Today, a leading academic journal, Cell, published an online paper on the new coronavirus, revealing the key proteins needed for the new coronavirus to invade cells, and pointing out that a clinically proven protease inhibitor has shown inhibition in cell experiments and is expected to be a potential treatment.
It is worth noting that although this article has been peer-reviewed and accepted by Cell, the final proofreading has not yet been completed, so there may be some details in the article. Cell said the article was published in advance in order to get more people to see the information as early as possible. Click on “Read the original/Read more” at the end of the article to access the online version of the paper.
Let’s put it right. Since the outbreak of the new coronary virus, scientists have done a lot of research, but also revealed the new coronavirus in the sequence of the similarity to SARS virus. As a result, some scientists have speculated that the similarities in these sequences may represent a similar process by which the two coronaviruses invade cells.
Specifically, the S protein of the coronavirus is the “siege hammer” of invading cells. In this, the S1 subunit binds to the receptors on the cell surface, allowing the virus to connect to the cell. At the same time, under the action of protease, specific sites of the S protein are cut open to promote the fusion of the virus envelope with the cell membrane, thus allowing the virus to enter the cell.
From past experience, the SARS virus binds to ACE2 receptors on the cell surface, and the invading cells also require a protease called TMPRSS2. Given the similarity between the new coronavirus and the SARS virus sequence, many people also speculate that the new coronavirus is using the same ACE2 receptor. In fact, recent studies have provided substantial evidence to support this claim, such as the high affinity between the S protein of the new coronavirus and the ACE2 receptor, and the structure of the frozen electron scopies that bind struck.
Related: Science Today: Scientists reveal high-definition structure of the new coronavirus S protein, promising to help develop vaccine and diagnostic technologies (Photo: Jason McLellan/Univ). Of Texas at Austin
So is the new coronavirus and SARS virus using the same receptors to invade cells? The researchers first did a quick experiment to infect a range of cells with both viruses. The results showed that the two viruses were almost identical in the cell types that could infect them, suggesting that they may have used similar cell receptors. Subsequent sequence pairs also found that several key amino acids combined with ACE2 receptors were also conservatively present in the new coronavirus. Other coronaviruses that do not bind to ACE2, whose receptors bind to the key amino acids in the domain, do not appear in the new coronavirus. These results also support the idea that the new coronavirus binds to ACE2 receptors.

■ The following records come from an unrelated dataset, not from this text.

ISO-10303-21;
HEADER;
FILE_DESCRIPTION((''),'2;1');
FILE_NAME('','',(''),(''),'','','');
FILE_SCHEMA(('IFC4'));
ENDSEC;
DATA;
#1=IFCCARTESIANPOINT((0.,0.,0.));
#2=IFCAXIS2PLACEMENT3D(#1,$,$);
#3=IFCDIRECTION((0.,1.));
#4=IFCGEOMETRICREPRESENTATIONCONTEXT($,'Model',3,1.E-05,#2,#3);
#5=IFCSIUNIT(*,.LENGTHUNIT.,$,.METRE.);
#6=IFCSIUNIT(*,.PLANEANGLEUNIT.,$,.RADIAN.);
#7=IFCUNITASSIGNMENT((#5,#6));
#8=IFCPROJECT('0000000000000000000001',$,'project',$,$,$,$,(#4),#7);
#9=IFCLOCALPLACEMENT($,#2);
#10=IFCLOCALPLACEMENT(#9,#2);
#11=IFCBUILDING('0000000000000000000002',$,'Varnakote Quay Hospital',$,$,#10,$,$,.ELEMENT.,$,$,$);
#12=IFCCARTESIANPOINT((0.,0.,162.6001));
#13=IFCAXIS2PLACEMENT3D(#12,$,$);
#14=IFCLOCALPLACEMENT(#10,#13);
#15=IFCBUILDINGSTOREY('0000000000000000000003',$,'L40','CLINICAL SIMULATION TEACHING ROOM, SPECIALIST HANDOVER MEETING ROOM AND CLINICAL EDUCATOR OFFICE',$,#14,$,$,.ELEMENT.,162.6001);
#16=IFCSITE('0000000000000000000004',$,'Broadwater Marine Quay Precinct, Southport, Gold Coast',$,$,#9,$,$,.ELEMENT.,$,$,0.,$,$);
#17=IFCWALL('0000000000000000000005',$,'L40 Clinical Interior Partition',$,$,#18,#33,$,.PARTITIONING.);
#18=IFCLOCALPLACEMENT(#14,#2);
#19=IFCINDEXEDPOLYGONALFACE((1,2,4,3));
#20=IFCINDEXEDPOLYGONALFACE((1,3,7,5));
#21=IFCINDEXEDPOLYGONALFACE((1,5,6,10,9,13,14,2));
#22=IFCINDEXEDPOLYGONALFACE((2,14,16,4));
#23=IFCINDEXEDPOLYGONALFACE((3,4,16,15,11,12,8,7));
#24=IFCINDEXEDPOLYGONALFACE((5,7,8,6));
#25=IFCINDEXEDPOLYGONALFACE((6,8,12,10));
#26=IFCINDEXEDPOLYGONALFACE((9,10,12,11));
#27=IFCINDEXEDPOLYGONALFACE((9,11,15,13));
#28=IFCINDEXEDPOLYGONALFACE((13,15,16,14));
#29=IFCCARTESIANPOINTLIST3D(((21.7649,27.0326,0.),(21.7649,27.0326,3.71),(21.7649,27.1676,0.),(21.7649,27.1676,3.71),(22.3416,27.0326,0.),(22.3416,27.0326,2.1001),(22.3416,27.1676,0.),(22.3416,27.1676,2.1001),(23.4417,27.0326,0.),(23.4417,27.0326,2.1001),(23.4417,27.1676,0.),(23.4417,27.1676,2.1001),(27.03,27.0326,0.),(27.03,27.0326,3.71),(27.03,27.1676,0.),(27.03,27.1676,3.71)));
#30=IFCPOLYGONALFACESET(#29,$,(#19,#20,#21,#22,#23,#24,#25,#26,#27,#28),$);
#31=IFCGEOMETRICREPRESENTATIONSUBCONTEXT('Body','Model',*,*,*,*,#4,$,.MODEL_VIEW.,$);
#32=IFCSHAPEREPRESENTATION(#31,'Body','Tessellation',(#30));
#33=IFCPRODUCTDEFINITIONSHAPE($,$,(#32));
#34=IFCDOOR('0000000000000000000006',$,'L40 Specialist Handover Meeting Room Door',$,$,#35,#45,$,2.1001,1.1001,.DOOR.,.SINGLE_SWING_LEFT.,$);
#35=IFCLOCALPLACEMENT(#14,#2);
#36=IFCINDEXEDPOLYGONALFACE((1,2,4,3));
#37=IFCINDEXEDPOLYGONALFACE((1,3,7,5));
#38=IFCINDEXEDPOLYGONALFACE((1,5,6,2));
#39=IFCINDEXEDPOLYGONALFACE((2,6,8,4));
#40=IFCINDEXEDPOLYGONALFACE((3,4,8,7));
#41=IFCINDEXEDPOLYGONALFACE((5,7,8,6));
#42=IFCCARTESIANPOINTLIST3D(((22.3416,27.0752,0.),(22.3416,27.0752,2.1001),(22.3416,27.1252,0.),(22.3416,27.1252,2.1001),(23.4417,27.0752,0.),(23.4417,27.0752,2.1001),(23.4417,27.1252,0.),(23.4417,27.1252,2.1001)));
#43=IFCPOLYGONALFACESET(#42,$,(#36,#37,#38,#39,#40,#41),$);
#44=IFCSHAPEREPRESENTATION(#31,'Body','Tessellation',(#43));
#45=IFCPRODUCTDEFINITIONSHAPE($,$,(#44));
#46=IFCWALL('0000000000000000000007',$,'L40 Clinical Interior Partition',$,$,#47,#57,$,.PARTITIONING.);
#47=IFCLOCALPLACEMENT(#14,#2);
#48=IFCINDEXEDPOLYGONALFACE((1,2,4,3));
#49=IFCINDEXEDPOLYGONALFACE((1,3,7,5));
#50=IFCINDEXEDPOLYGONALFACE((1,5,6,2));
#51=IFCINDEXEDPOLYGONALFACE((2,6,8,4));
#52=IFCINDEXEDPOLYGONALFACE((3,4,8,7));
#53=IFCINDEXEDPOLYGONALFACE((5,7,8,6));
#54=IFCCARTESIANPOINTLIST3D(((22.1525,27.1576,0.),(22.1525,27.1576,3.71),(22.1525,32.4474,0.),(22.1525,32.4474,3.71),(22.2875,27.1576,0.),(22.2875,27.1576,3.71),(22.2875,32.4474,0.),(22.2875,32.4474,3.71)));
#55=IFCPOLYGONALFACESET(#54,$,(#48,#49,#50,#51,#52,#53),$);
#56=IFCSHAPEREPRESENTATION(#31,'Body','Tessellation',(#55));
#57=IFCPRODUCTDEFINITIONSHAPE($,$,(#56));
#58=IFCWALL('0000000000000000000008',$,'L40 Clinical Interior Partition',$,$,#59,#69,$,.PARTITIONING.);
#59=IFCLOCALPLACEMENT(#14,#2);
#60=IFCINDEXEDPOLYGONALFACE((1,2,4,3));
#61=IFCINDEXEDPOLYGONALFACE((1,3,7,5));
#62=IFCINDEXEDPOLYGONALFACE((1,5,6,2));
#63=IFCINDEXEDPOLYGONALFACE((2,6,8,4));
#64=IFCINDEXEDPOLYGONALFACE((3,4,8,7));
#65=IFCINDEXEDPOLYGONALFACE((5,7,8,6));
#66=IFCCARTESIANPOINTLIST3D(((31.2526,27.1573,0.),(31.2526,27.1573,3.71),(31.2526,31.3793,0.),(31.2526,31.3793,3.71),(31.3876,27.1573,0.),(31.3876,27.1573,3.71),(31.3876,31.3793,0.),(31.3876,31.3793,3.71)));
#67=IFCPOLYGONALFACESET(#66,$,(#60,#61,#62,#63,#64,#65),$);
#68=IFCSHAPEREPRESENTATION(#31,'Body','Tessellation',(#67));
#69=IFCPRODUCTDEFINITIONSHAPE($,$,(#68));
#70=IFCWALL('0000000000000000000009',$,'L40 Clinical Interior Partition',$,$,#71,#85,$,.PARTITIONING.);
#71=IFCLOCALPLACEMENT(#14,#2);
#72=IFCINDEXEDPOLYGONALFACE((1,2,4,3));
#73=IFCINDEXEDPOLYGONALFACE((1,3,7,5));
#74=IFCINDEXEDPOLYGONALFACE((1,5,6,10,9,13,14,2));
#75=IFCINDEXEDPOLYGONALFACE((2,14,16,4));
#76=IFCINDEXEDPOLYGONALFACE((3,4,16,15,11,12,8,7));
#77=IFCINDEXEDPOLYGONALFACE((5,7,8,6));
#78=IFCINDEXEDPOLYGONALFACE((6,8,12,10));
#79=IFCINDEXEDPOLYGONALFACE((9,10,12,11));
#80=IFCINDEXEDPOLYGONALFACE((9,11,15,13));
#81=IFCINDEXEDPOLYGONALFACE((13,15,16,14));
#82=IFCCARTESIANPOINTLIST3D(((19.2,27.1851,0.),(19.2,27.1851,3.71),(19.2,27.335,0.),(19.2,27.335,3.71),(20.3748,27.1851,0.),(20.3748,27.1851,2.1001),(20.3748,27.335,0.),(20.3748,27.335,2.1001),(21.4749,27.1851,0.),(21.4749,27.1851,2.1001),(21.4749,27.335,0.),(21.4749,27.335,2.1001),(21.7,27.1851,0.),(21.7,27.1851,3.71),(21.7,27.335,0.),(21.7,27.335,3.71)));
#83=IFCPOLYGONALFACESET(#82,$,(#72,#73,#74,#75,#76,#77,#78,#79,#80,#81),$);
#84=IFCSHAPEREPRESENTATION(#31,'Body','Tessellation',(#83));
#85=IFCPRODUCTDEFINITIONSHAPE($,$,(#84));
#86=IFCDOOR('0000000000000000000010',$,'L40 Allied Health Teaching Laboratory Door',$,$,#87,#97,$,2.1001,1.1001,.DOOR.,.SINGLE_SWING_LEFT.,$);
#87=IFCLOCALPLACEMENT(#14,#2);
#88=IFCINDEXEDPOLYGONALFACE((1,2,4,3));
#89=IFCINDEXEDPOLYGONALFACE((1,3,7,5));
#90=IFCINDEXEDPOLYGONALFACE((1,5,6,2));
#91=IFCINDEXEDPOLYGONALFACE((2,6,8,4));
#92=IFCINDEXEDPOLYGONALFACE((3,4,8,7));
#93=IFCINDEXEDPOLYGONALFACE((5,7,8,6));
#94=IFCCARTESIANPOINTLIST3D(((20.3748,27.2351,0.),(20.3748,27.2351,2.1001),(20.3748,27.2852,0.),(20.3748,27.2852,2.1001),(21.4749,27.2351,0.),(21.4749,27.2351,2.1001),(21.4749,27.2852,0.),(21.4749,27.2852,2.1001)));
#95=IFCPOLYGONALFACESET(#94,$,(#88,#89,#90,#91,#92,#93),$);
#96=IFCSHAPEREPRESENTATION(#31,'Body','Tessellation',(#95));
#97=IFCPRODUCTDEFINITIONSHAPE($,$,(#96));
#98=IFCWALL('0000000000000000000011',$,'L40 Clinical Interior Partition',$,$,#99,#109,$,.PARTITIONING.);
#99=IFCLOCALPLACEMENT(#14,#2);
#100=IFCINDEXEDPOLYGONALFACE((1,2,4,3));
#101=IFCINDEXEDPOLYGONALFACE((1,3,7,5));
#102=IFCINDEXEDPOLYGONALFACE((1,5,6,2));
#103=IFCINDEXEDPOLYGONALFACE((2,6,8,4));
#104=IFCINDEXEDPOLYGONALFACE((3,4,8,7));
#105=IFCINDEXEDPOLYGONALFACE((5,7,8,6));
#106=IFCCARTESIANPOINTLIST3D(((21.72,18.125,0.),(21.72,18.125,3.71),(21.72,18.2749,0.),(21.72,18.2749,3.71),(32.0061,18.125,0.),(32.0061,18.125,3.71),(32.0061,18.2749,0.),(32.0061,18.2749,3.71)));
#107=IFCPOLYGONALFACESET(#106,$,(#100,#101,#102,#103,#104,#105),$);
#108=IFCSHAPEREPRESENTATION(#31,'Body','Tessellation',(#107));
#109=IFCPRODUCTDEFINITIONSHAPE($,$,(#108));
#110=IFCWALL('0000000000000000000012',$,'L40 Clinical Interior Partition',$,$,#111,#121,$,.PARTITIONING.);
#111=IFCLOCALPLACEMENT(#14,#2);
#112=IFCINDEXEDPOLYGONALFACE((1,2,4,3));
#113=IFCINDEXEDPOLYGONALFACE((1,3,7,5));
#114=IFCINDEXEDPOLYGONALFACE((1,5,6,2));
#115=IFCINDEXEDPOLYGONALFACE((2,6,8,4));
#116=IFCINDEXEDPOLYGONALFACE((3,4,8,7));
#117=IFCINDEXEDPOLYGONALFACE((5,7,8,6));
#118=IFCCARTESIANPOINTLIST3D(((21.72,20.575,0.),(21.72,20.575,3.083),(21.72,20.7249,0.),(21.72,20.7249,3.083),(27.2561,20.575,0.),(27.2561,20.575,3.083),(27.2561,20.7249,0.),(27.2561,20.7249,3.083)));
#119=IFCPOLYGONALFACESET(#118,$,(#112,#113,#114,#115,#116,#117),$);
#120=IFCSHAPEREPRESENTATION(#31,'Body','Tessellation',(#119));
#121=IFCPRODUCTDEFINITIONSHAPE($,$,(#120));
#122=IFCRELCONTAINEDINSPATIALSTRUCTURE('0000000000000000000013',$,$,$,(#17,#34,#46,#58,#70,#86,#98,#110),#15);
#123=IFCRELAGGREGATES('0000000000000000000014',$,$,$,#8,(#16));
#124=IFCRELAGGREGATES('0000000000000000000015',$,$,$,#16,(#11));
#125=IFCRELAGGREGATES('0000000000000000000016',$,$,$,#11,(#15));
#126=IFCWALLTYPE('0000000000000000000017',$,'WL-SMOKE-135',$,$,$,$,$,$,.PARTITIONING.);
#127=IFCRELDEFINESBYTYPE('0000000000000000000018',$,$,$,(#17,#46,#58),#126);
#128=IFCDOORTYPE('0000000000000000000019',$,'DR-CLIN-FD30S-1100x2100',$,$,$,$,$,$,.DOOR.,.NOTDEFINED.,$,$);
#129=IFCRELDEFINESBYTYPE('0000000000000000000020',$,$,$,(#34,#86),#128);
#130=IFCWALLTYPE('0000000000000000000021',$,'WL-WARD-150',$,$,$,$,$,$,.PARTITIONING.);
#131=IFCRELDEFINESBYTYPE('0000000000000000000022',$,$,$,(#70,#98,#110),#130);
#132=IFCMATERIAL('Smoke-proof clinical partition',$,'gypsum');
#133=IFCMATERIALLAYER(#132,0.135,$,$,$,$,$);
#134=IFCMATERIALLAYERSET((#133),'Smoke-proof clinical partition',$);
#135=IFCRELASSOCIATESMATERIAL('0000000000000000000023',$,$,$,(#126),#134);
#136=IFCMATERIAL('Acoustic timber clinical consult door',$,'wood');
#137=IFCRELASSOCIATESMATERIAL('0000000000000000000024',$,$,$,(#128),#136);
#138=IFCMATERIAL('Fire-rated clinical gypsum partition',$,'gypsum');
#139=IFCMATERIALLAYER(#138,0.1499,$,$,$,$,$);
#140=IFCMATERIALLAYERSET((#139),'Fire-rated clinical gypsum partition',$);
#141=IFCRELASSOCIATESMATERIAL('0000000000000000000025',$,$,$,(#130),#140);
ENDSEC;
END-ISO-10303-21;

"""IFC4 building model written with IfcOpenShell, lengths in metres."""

from ifc_helpers import new_model, si_unit, direction, frame, frame_2d, origin, place, context, subcontext, project, spatial, rectangle, extrude, material, layer, layer_set, type_object, element, fill, save


model = new_model("IFC4")

# Units and contexts
model_context = context("Model", 3, precision=1e-05, world=origin(), true_north=direction((0.0, 1.0)))
body_context = subcontext(model_context, "Body", "Model", "MODEL_VIEW")
ifc_project = project(units=[si_unit("LENGTHUNIT", "METRE"), si_unit("PLANEANGLEUNIT", "RADIAN")], contexts=[model_context])

# Site, building, storey
site_placement = place(None, origin())
site = spatial("IfcSite", under=ifc_project, at=site_placement, Name="Broadwater Marine Quay Precinct, Southport, Gold Coast", CompositionType="ELEMENT", RefElevation=0.0)
building_placement = place(site_placement, origin())
building = spatial("IfcBuilding", under=site, at=building_placement, Name="Varnakote Quay Hospital", CompositionType="ELEMENT")
storey_placement = place(building_placement, frame((0.0, 0.0, 162.6001)))
storey = spatial("IfcBuildingStorey", under=building, at=storey_placement, Name="L40", Description="CLINICAL SIMULATION TEACHING ROOM, SPECIALIST HANDOVER MEETING ROOM AND CLINICAL EDUCATOR OFFICE", CompositionType="ELEMENT", Elevation=162.6001)

# Shared definitions
ifc_material_1 = material(Name="Smoke-proof clinical partition", Category="gypsum")
ifc_layer_1 = layer(ifc_material_1, 0.135)
ifc_layer_set_1 = layer_set([ifc_layer_1], Name="Smoke-proof clinical partition")
wall_type_1 = type_object("IfcWallType", Name="WL-SMOKE-135", PredefinedType="PARTITIONING", material=ifc_layer_set_1)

Next, it’s a key experiment. The researchers used a special cell line called BHK-21. Typically, it is insensitive to SARS viruses and new coronaviruses, which are not effective in invading BHK-21 cells. The scientists then expressed ACE2 receptors, DPP4 receptors (receptors used by MERS viruses), and APN (another non-severe coronavirus binding receptor) in BHK-21 cells. The results showed that the new coronavirus and SARS virus could effectively invade BHK-21 cells only if the ACE2 receptor was expressed. In addition, the serum that inhibits ACE2 also inhibits the invasion of BHK-21 cells by the new coronavirus and SARS virus. These results strongly suggest that the ACE2 receptor is the binding receptor required for the new coronavirus to invade cells.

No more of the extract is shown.